Lindenfest: Ein Satz mit X

(27. Juni 2015) Erst regnet es fies, dann gießt es, zwischendurch schüttet es wie aus Kübeln und zum Schluß öffnet der Himmel seine Pforten. Und als dann endlich in Berkersheim und für das Lindenfest eben dort der Regen aufhört, habe ich ein Déjà-vu: Keiner interessiert sich für Zaubern (siehe meinen letztjährigen Blog-Eintrag). Das ist auch mal eine interessante Erfahrung, denn normalerweise kommen mindestens mal die Kinder gerannt und man kann nicht einmal in Ruhe aufbauen: Hier nicht. Nicht dass keine Kinder da wären, aber es gibt Kinderspiele, Ponyreiten und Traktorfahren und das scheint deutlich mehr zu ziehen als alles andere. Und so ziehe ich nach einer Stunde Regen und einer Stunde Erfolglosigkeit (ich habe genau eine Routine für zwei junge Damen und ihre Mutter gespielt!) mehr oder minder unverrichteter Dinge wieder ab - und bin um eine Erfahrung reicher.
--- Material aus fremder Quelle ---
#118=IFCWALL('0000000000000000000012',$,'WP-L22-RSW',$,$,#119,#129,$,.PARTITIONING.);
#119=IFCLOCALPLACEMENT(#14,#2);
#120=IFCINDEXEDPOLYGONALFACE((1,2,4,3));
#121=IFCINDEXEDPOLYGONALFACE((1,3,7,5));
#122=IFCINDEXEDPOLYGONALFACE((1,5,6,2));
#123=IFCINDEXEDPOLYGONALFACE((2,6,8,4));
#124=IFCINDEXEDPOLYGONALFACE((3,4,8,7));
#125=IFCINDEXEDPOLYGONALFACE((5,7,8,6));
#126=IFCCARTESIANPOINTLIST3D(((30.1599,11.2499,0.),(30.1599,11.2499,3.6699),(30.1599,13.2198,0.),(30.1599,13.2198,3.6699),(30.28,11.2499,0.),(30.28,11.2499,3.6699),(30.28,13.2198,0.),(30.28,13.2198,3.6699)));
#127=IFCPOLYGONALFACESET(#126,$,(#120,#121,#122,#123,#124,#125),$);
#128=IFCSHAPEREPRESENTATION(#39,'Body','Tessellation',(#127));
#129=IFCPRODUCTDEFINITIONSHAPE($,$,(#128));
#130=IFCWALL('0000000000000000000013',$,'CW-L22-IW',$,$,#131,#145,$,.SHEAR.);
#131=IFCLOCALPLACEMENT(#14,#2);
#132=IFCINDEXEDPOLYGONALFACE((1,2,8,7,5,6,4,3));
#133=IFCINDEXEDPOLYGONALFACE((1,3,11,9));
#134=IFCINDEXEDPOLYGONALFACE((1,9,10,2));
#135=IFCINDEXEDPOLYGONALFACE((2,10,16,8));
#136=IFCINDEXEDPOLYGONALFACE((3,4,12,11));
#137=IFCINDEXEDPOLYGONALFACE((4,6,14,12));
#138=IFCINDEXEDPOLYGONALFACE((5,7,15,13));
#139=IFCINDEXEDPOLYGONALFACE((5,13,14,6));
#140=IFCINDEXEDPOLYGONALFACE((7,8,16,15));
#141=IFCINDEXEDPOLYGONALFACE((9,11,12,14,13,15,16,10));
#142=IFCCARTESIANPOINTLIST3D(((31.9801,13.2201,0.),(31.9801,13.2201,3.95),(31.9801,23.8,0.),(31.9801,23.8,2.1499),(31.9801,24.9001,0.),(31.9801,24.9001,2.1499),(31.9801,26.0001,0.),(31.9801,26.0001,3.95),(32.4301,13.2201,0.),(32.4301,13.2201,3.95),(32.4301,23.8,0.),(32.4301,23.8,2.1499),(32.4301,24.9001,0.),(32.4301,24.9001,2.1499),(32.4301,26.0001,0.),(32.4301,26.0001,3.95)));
P.S.: Mir ist soeben (30. Juni 2015) aufgefallen, dass die Überschrift vielleicht etwas irreführend ist, denn das Lindenfest an sich, war - nachdem der Regen weg war - eine tolle Veranstaltung!

Sonntag, 14. Juni 2015

It's always the singer, never the song!

(14. Juni 2015) Der Spruch meint: Wenn um Unterhaltung geht, kommt sehr viel mehr auf die Präsentation an, als auf den Inhalt. Das ist natürlich eine Überspitzung (die Heidi-Titelmelodie macht auch ein Bruce Springsteen nicht zu einem Meisterwerk), aber was Wahres ist schon dran. Zum Beweis, hier zweimal derselbe Effekt von zwei sehr verschiedenen Zauberern:



So gleich und doch so verschieden, oder?

Sonntag, 7. Juni 2015

Über 30 Grad und die Soße läuft

(6. Juni 2015) Kein appetitliches Thema für einen appetitlichen, kleinen Blog-Eintrag, oder? Aber was wahr ist, muss wahr bleiben: Es war brüllend heiß und während meines Auftritts angelegentlich des Sommerfestes am Frankfurter Bergs ist mir teilweise der Schweiß von der Stirn auf die Brille getropft, sodass ich kaum weitermachen konnte. Aber ich muss als Zauberer nun mal am Kostüm erkennbar sein, das habe ich in den zurückliegenden Jahren gelernt. Vielleicht liegt das daran, dass ich in anderen Funktionen in "unseren" Stadtteilen zu bekannt bin, sodass es des klaren visuellen Signals bedarf: Ah, er ist als Zauberer da. Aber der Reihe nach ...
Da war zunächst einmal dieses Swing-Orchester und die haben zwei Sachen gespielt: Ersten Swing und zweitens laut. Nicht dass sie es nicht gekonnt hätten, ganz im Gegenteil! Aber laut ist laut und laut ist der Tod der Kunst, die ich zu erheblichen Teilen über Sprache transportiere. Also baue ich meinen Tisch weit vom Orchester entfernt auf und bin froh meine beiden spanischen Wände mitgebracht zu haben, mit denen ich meinen Tisch etwas abschirmen kann.
Zum Auftritt an sich gibt es nicht viel zu sagen: Es bildet sich eine Traube, sobald ich anfange zu zaubern. Wie immer gehen die Sachen die unmittelbar und schnell sind, wie z.B. die Routine mit der Papierschlange (hier ein Beispiel auf Youtube) und der verbrannte Euro. Was mich ziemlich gewundert hat ist, dass die Routine Eyephone 10 (hier vom Meister Lee Smith höchstpersönlich auf Youtube) nicht so dolle ankommt, wie ich gehofft hatte. Ich finde die total witzig und überraschend, aber ich habe sie zwei, dreimal gespielt und nicht die Reaktion bekommen habe, die ich erwartet hatte. Aber es gilt wie immer: Der Wurm muss dem Fisch schmecken, nicht dem Angler.
Und alles endet damit, dass ich, nachdem ich abgebaut habe und auf der Suche nach dem Vorsitzenden des veranstaltenden Vereinsringes über den Platz schlendere, von einem Jungen von ca. 7 Jahren beiläufig angesprochen werde: "Gut gezaubert, Karsten." Na, wenn er's sagt ...

Ein Satz mit X ...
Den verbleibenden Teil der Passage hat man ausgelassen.